An RN “Money” program by Richard Aedy reported om 24 May that in 2004 the BBC did its own survey of 2,250 Britons to measure how they put a value on their public broadcaster. One criterion was “a willingness to pay”.  Their conclusion: more than 81 percent said they were willing to pay about double the then (2004) licence fee of 121 pounds per annum (A$214). In other words they valued the BBC extremely highly. The huge BBC costs about six times the ABC to the public budget.

Before the neo-liberals of one faction of the federal Liberals rush off to privatize the ABC, they should ask exactly what do Australians value in “their ABC”. Answer: they value the trust they can put in it. As Professor Stuart Cunningham of QUT said on the same program, surveys show that the ABC is a “trusted brand” for 80 per cent of Australians, “way above any other brand”.  As a former EP of Four Corners I know Australians trust our journalists to get to the truth with fairness and balance. They trust the program. The Australia Institute, a day after the recent big Budget cut to the ABC, found 58 per cent of Australians disagreed with a cut, 60 per cent agreed with a boost to its long-term funding and 70 per cent agreed “a strong, independent ABC is critical to a healthy democracy”. Turnbull messes with the ABC at his peril.

Egged on by the bully boys of the Right in his government, Turnbull has interfered more with the ABC than any Prime Minister I can recall. All politicians, Labor and Liberal, try it on but usually a strong management protects the ABC’s independence. Turnbull has not only stacked the Board, he and his Minister for Communications have harassed the senior managers, the program makers and single journalists (the latest is Emma Alberici) and tried to take control of the News budget and how it is spent. For a “liberal”, Turnbull has a mighty thin skin to criticism.

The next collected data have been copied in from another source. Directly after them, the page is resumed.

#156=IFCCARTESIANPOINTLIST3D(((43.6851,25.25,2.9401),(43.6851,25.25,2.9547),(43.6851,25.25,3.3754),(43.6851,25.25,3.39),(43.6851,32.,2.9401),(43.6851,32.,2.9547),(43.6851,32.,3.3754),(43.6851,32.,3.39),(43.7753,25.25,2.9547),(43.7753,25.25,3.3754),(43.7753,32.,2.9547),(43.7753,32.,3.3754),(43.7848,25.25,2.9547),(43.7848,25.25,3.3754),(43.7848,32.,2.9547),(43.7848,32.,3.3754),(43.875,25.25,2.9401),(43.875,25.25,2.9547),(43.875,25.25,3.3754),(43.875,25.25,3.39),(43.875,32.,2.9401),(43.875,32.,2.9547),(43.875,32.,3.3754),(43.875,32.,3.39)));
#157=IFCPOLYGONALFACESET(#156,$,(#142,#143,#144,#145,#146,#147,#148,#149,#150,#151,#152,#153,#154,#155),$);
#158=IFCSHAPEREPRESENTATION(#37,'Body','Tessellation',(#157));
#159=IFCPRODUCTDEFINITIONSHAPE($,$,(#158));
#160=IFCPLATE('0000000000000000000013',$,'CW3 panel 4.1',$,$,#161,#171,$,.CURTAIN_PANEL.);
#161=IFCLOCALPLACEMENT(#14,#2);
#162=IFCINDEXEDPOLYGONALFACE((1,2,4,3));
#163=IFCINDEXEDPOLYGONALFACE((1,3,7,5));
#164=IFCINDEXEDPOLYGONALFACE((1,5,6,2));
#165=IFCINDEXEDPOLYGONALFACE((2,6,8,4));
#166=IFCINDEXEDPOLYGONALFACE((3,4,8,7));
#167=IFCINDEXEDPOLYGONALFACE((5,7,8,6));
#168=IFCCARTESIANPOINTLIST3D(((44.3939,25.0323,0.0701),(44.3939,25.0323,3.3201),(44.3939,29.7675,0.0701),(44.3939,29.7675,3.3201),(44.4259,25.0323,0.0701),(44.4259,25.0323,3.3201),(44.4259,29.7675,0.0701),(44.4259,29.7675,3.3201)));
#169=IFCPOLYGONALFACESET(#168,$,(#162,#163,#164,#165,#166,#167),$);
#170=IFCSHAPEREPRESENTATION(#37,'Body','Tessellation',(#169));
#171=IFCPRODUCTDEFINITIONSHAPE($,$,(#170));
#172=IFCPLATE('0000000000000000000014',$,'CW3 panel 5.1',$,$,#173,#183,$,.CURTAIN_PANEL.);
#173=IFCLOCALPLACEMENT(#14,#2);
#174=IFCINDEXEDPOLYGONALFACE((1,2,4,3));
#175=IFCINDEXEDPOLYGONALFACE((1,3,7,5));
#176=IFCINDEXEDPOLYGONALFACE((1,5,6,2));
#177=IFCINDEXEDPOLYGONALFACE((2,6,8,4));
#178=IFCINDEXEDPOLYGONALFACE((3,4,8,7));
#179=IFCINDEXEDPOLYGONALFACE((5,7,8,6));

The funding cut of $84 million dollars out of the ABC budget is also an insult to his own preference for Managing Director, Ms Michele Guthrie. It is yet another example of a woman being given the top job while the means to make it work are shot to pieces beneath her. The digital changes she has tried to introduce have instead seen a mass of job cuts. The “more with less” management philosophy can only go so far and now Guthrie is being hung out to dry.

In fact, the budget cut was like a cluster bomb. It exploded across the budget paper with a series of hits: the $84 million cut (twice the size of Tony Abbott’s in 2014-5), the withdrawal of a previous targeted grant “to support news-gathering” of $43 million, an indexation freeze for three years and yet another “efficiency review”.  All this on top of the $254 million in cuts implemented by Liberal governments since 2014.

This may be payback for ABC news stories that Turnbull and his Communications Minister, Mitch Fifield, didn’t like, as many have speculated. But it’s one thing to try direct interference in the management levels in the ABC, and when that doesn’t work to cut its budget and ability to do its job. But it’s another to believe Australians are fooled by this behaviour. They will see this for what it is: a sustained attack on a sacred icon of Australian culture and democracy for political gain.

In an era of “fake news”, Facebook spying, failing traditional commercial media and an explosion of digital sites claiming authenticity, the ABC (and SBS) is the best port in this storm of information overload. Australians trust the ABC. They do not trust their politicians. When the election campaign gets truly underway the “who can you trust?” question will be answered ABC – 1, Government – 0.

Dr Peter Manning was Executive Producer of Four Corners in the 1980s, head of ABC TV News and Current Affairs, GM of Radio National and head of Current Affairs at Seven Network in the 1990s. He has been a journalism academic since then in Sydney and Melbourne.